When the local host problems, the remote host also retains a copy of the same data, can continue to use, to ensure the security of the data.

DRBD is a fast-level synchronous replication technology implemented by the Linux kernel module that achieves the same shared storage effect as a SAN.

Advantages:

    • Two-node, simple deployment, simple switching logic

    • Low cost compared to SAN storage networks

    • Ensure strong consistency of data

Disadvantages:

    • Greater impact on IO performance

    • Read operation not available from library

5. Distributed Protocol

The distributed protocol is a good solution to the data consistency problem. The more common scenarios are as follows:

MySQL Cluster

MySQL Cluster is the official set of deployment scenarios that enable database high availability and data consistency by using the NDB storage engine to back up redundant data in real time.

Advantages:

    • Use all official components and do not rely on third-party software

    • Can achieve strong consistency of data

Disadvantages:

    • Domestic use of less

    • Configuration is more complex and requires the use of the NDB storage engine, which differs from the MySQL conventional engine

    • At least three nodes

Galera

MySQL high-availability set based on Galera, is the MySQL set solution for multi-master data synchronization, which is simple to use, no single point of failure, and high availability. The common architecture is as follows:

Advantages:

    • Multi-Master Write, no delay replication, can ensure strong data consistency

    • There are mature communities, with internet companies in large-scale use

    • Automatic failover, automatic addition, culling of nodes

Disadvantages:

    • Need to hit Wsrep patch for native MySQL node

    • Supports only InnoDB storage engine

    • At least three nodes

P Ax OS

The problem solved by the Paxos algorithm is how a distributed system can agree on a value (resolution). This algorithm is considered to be the most effective of the same kind of algorithm. The combination of Paxos and MySQL can achieve strong consistency in distributed MySQL data. The common architecture is as follows:

Advantages:

    • Multi-Master Write, no delay replication, can ensure strong data consistency

    • Have a mature theoretical foundation

    • Automatic failover, automatic addition, culling of nodes

Disadvantages:

    • Supports only InnoDB storage engine

    • At least three nodes

Summarize

With the continuous improvement of data consistency, more and more methods are tried to solve the problem of distributed data consistency, such as the optimization of MySQL itself, the optimization of MySQL set architecture, Paxos, Raft, the introduction of 2PC algorithm, etc.

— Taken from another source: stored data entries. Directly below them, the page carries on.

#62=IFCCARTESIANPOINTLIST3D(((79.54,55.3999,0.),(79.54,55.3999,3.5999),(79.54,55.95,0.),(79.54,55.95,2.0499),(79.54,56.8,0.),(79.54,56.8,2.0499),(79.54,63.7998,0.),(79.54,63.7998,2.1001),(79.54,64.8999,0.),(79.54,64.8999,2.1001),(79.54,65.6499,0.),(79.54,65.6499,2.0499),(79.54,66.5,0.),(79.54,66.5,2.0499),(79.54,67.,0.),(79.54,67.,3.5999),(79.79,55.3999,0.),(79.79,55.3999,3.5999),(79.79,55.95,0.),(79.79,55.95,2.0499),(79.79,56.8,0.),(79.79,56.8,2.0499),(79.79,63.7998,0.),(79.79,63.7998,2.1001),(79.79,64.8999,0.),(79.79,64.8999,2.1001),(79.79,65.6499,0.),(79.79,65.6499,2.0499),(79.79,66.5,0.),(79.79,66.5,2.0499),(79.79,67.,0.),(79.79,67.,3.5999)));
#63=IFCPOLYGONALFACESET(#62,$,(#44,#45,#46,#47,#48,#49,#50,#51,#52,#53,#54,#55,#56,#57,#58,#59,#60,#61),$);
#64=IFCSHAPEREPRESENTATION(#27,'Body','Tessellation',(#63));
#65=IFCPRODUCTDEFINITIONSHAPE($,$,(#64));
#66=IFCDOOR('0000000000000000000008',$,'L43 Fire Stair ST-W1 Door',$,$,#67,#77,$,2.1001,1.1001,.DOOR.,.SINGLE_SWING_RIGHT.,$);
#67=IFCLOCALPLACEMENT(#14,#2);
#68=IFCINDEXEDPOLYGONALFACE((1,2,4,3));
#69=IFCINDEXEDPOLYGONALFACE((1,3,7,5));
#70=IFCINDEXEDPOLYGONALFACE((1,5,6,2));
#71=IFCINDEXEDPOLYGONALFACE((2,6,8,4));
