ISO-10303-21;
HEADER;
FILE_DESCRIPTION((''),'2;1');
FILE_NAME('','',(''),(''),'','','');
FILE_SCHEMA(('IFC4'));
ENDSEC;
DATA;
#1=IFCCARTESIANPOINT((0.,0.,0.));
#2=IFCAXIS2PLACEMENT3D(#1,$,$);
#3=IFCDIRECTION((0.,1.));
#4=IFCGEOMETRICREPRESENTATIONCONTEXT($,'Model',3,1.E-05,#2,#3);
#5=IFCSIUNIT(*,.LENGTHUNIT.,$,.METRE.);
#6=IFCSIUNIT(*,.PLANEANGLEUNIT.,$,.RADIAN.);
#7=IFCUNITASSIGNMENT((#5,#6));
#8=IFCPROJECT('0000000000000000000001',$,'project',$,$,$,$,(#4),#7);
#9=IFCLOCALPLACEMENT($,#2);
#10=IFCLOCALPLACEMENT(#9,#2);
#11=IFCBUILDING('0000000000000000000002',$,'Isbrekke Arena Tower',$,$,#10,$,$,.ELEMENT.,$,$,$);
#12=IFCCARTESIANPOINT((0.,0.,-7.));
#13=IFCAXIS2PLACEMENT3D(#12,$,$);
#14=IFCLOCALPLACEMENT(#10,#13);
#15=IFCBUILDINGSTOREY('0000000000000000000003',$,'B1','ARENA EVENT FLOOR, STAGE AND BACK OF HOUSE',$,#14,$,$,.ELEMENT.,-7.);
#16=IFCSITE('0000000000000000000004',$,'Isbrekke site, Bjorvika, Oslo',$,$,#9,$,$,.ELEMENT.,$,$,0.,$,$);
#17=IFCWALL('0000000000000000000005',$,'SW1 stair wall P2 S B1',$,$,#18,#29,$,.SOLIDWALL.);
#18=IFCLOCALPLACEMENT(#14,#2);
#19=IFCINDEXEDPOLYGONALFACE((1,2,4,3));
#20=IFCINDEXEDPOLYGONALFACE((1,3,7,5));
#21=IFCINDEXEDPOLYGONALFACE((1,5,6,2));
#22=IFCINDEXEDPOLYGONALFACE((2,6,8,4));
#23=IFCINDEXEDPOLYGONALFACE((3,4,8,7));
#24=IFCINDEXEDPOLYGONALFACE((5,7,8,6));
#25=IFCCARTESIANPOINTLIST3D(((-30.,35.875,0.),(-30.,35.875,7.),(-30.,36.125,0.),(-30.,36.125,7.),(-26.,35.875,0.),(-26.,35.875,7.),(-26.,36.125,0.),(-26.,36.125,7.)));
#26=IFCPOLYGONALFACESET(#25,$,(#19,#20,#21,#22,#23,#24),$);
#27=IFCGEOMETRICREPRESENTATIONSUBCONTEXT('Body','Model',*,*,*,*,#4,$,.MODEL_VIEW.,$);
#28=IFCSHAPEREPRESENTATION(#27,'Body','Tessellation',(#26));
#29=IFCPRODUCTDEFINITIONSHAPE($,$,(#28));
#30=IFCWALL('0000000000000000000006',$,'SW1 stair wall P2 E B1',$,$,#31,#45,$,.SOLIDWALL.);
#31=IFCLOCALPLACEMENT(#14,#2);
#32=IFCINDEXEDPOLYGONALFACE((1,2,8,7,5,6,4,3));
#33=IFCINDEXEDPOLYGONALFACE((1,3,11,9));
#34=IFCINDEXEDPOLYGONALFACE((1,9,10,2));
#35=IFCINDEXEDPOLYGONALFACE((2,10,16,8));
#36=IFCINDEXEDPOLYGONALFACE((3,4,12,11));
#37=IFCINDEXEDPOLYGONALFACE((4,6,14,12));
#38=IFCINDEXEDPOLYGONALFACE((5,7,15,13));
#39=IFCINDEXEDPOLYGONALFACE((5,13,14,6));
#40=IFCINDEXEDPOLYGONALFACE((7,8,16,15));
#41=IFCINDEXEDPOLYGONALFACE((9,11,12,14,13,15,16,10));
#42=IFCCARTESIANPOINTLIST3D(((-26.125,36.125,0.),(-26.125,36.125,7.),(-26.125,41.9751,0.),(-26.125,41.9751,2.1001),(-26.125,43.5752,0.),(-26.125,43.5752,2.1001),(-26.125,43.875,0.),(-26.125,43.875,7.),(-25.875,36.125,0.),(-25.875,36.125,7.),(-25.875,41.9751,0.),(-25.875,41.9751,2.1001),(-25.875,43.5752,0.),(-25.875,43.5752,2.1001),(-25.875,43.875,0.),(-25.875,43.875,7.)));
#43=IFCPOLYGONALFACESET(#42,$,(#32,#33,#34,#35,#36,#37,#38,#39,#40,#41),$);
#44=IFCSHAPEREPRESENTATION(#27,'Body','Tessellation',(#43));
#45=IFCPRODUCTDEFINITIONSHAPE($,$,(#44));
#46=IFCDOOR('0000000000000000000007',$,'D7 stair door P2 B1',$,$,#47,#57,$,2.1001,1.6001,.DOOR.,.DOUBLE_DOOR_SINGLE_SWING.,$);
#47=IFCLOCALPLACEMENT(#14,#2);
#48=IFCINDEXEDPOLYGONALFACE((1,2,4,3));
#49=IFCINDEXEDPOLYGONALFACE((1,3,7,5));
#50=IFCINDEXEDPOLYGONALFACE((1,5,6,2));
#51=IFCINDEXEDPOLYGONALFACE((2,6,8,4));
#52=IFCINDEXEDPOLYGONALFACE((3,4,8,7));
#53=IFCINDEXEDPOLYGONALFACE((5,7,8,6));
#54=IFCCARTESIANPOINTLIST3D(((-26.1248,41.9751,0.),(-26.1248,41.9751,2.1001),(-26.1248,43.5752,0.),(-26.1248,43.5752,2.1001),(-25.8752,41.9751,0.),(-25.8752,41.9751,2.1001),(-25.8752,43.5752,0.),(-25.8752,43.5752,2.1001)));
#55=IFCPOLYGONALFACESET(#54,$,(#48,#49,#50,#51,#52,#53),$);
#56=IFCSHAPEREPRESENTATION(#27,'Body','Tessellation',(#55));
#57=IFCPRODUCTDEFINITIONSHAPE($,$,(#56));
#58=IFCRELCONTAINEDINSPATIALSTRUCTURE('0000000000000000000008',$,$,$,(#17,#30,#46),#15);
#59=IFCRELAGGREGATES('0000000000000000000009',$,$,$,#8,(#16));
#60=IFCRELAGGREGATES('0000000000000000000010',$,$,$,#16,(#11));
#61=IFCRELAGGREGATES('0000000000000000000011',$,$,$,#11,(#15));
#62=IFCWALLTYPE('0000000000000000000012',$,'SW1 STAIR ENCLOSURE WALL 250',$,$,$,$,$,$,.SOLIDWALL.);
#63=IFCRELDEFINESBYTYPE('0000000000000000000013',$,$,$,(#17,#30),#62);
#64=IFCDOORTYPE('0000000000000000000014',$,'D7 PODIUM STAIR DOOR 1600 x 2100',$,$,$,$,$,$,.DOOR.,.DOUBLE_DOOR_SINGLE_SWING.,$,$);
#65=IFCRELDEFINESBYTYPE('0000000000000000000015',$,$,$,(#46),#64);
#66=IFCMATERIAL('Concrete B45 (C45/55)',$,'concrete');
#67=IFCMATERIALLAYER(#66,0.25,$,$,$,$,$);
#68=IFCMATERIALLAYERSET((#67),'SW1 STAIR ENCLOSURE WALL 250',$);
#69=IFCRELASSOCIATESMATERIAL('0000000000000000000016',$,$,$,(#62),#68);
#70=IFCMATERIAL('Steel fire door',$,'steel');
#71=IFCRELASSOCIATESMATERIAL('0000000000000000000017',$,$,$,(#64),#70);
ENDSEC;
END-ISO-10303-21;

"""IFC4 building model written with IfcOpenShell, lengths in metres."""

from ifc_helpers import new_model, si_unit, direction, frame, frame_2d, origin, place, context, subcontext, project, spatial, rectangle, extrude, material, layer, layer_set, type_object, element, fill, save


model = new_model("IFC4")

# Units and contexts
model_context = context("Model", 3, precision=1e-05, world=origin(), true_north=direction((0.0, 1.0)))
body_context = subcontext(model_context, "Body", "Model", "MODEL_VIEW")
ifc_project = project(units=[si_unit("LENGTHUNIT", "METRE"), si_unit("PLANEANGLEUNIT", "RADIAN")], contexts=[model_context])

# Site, building, storey
site_placement = place(None, origin())
site = spatial("IfcSite", under=ifc_project, at=site_placement, Name="Isbrekke site, Bjorvika, Oslo", CompositionType="ELEMENT", RefElevation=0.0)
building_placement = place(site_placement, origin())
building = spatial("IfcBuilding", under=site, at=building_placement, Name="Isbrekke Arena Tower", CompositionType="ELEMENT")
storey_placement = place(building_placement, frame((0.0, 0.0, -7.0)))
storey = spatial("IfcBuildingStorey", under=building, at=storey_placement, Name="B1", Description="ARENA EVENT FLOOR, STAGE AND BACK OF HOUSE", CompositionType="ELEMENT", Elevation=-7.0)

# Wall
ifc_material_1 = material(Name="Concrete B45 (C45/55)", Category="concrete")
ifc_layer_1 = layer(ifc_material_1, 0.25)
ifc_layer_set_1 = layer_set([ifc_layer_1], Name="SW1 STAIR ENCLOSURE WALL 250")
wall_type_1 = type_object("IfcWallType", Name="SW1 STAIR ENCLOSURE WALL 250", PredefinedType="SOLIDWALL", material=ifc_layer_set_1)
wall_1_placement = place(storey_placement, frame((-30.0, 36.0, 0.0), z_axis=(0.0, 0.0, 1.0), x_axis=(1.0, 0.0, 0.0)))
element("IfcWall", 1, at=wall_1_placement, inside=storey, type_object=wall_type_1, Name="SW1 stair wall P2 S B1", PredefinedType="SOLIDWALL", context=body_context, shape_type="SweptSolid", body=[
    extrude(rectangle(XDim=4.0, YDim=0.25, at=frame_2d((2.0, 0.0))), origin(), (0.0, 0.0, 1.0), 7.0),
])

# Wall, opening, door
wall_2_placement = place(storey_placement, frame((-26.0, 36.125, 0.0), z_axis=(0.0, 0.0, 1.0), x_axis=(0.0, 1.0, 0.0)))
wall_2 = element("IfcWall", 2, at=wall_2_placement, inside=storey, type_object=wall_type_1, Name="SW1 stair wall P2 E B1", PredefinedType="SOLIDWALL", context=body_context, shape_type="SweptSolid", body=[
    extrude(rectangle(XDim=7.75, YDim=0.25, at=frame_2d((3.875, 0.0))), origin(), (0.0, 0.0, 1.0), 7.0),
])
opening_1_placement = place(wall_2_placement, frame((5.8501, 0.0, 0.0)))
opening_1 = element("IfcOpeningElement", 3, at=opening_1_placement, cuts=wall_2, PredefinedType="OPENING", context=body_context, shape_type="SweptSolid", body=[
    extrude(rectangle(XDim=1.6001, YDim=2.1001, at=frame_2d((0.8, 1.05))), frame((0.0, 0.1399, 0.0), z_axis=(0.0, -1.0, 0.0), x_axis=(1.0, 0.0, 0.0)), (0.0, 0.0, 1.0), 0.2798),
])
ifc_material_2 = material(Name="Steel fire door", Category="steel")
door_type_1 = type_object("IfcDoorType", Name="D7 PODIUM STAIR DOOR 1600 x 2100", OperationType="DOUBLE_DOOR_SINGLE_SWING", PredefinedType="DOOR", material=ifc_material_2)
door_1_placement = place(opening_1_placement, origin())
door_1 = element("IfcDoor", 4, at=door_1_placement, inside=storey, type_object=door_type_1, Name="D7 stair door P2 B1", OperationType="DOUBLE_DOOR_SINGLE_SWING", OverallHeight=2.1001, OverallWidth=1.6001, PredefinedType="DOOR", context=body_context, shape_type="SweptSolid", body=[
    extrude(rectangle(XDim=1.6001, YDim=2.1001, at=frame_2d((0.8, 1.05))), frame((0.0, 0.1248, 0.0), z_axis=(0.0, -1.0, 0.0), x_axis=(1.0, 0.0, 0.0)), (0.0, 0.0, 1.0), 0.2495),
])
fill(opening_1, door_1)

save(model, "model.ifc")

and using the distributed algorithm to solve the MySQL database data consistency problem method, also more and more accepted by people, a series of mature products such as phxsql, MariaDB galera Cluster, Percona XtraDB More and more cluster are being used on a large scale.

With the official MySQL Group replication ga, the use of distributed protocols to solve data consistency problem has become the mainstream direction. Expect more and more excellent solutions to be proposed, MySQL high-availability problems can be better solved. Electric Forklift

10 common MySQL high-availability Scheme selection interpretation

Related Article

Contact Us

The content source of this page is from Internet, which doesn't represent Alibaba Cloud's opinion; products and services mentioned on that page don't have any relationship with Alibaba Cloud. If the content of the page makes you feel confusing, please write us an email, we will handle the problem within 5 days after receiving your email.

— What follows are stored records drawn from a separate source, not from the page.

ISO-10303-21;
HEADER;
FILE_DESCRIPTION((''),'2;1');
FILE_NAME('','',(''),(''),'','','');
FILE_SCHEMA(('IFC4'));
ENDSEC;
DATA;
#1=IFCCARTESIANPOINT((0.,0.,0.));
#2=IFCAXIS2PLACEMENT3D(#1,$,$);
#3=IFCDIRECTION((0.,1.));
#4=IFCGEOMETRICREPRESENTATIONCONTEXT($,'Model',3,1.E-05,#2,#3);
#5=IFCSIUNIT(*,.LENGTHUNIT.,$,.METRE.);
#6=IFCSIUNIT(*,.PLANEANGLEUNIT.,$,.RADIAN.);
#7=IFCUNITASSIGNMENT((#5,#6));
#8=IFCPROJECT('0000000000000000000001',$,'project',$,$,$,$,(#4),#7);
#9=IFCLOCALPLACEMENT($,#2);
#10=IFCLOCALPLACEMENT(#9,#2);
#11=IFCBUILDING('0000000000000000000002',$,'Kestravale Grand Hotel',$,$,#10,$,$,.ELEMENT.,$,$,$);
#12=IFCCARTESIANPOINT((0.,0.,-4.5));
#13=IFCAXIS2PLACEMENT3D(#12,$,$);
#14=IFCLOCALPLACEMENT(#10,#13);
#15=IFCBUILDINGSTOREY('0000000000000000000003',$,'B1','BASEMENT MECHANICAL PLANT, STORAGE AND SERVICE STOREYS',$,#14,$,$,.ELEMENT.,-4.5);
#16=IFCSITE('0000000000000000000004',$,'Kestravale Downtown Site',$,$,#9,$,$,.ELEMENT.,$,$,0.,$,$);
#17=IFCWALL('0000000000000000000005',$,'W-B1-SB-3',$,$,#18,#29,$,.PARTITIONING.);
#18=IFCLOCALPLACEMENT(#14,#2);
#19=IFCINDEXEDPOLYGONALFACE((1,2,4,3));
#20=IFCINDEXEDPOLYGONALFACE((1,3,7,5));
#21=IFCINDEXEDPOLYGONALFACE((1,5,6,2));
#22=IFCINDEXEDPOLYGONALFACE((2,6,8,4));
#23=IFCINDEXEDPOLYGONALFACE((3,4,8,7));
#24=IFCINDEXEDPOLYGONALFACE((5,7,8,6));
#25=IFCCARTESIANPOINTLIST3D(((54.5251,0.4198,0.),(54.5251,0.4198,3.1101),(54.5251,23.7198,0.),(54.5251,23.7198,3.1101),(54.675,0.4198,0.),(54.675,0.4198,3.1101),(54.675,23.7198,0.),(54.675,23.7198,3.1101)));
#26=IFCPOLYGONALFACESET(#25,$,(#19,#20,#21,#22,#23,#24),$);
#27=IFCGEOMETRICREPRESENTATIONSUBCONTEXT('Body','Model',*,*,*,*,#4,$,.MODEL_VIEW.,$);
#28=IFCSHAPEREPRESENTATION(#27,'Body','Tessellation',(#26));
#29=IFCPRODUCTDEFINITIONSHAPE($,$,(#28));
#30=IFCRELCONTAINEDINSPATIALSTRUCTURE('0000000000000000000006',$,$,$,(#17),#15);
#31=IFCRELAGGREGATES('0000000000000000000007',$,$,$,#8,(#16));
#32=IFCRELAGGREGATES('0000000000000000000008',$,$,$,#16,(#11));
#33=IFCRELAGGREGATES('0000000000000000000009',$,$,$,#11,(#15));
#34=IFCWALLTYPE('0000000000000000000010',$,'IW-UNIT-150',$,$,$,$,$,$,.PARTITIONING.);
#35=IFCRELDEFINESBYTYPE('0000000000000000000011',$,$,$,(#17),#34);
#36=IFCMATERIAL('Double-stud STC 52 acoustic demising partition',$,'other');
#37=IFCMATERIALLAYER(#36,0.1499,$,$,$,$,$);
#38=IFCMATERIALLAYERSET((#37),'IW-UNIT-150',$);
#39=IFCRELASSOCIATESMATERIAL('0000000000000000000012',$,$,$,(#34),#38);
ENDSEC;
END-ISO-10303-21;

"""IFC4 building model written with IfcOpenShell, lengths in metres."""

from ifc_helpers import new_model, si_unit, direction, frame, frame_2d, origin, place, context, subcontext, project, spatial, rectangle, extrude, material, layer, layer_set, type_object, element, save


model = new_model("IFC4")

# Units and contexts
model_context = context("Model", 3, precision=1e-05, world=origin(), true_north=direction((0.0, 1.0)))
body_context = subcontext(model_context, "Body", "Model", "MODEL_VIEW")
ifc_project = project(units=[si_unit("LENGTHUNIT", "METRE"), si_unit("PLANEANGLEUNIT", "RADIAN")], contexts=[model_context])

# Site, building, storey
site_placement = place(None, origin())
site = spatial("IfcSite", under=ifc_project, at=site_placement, Name="Kestravale Downtown Site", CompositionType="ELEMENT", RefElevation=0.0)
building_placement = place(site_placement, origin())
building = spatial("IfcBuilding", under=site, at=building_placement, Name="Kestravale Grand Hotel", CompositionType="ELEMENT")
storey_placement = place(building_placement, frame((0.0, 0.0, -4.5)))
storey = spatial("IfcBuildingStorey", under=building, at=storey_placement, Name="B1", Description="BASEMENT MECHANICAL PLANT, STORAGE AND SERVICE STOREYS", CompositionType="ELEMENT", Elevation=-4.5)

# Wall
ifc_material_1 = material(Name="Double-stud STC 52 acoustic demising partition", Category="other")
ifc_layer = layer(ifc_material_1, 0.1499)
ifc_layer_set = layer_set([ifc_layer], Name="IW-UNIT-150")
wall_type = type_object("IfcWallType", Name="IW-UNIT-150", PredefinedType="PARTITIONING", material=ifc_layer_set)
wall_placement = place(storey_placement, frame((54.6001, 0.4199, 0.0), z_axis=(0.0, 0.0, 1.0), x_axis=(0.0, 1.0, 0.0)))
element("IfcWall", 1, at=wall_placement, inside=storey, type_object=wall_type, Name="W-B1-SB-3", PredefinedType="PARTITIONING", context=body_context, shape_type="SweptSolid", body=[
    extrude(rectangle(XDim=23.3, YDim=0.1499, at=frame_2d((11.6499, 0.0))), origin(), (0.0, 0.0, 1.0), 3.1101),
])

save(model, "model.ifc")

If you find any instances of plagiarism from the community, please send an email to: info-contact@alibabacloud.com and provide relevant evidence. A staff member will contact you within 5 working days.

A Free Trial That Lets You Build Big!

Start building with 50+ products and up to 12 months usage for Elastic Compute Service

  • Sales Support

    1 on 1 presale consultation

  • After-Sales Support

    24/7 Technical Support 6 Free Tickets per Quarter Faster Response

  • Alibaba Cloud offers highly flexible support services tailored to meet your exact needs.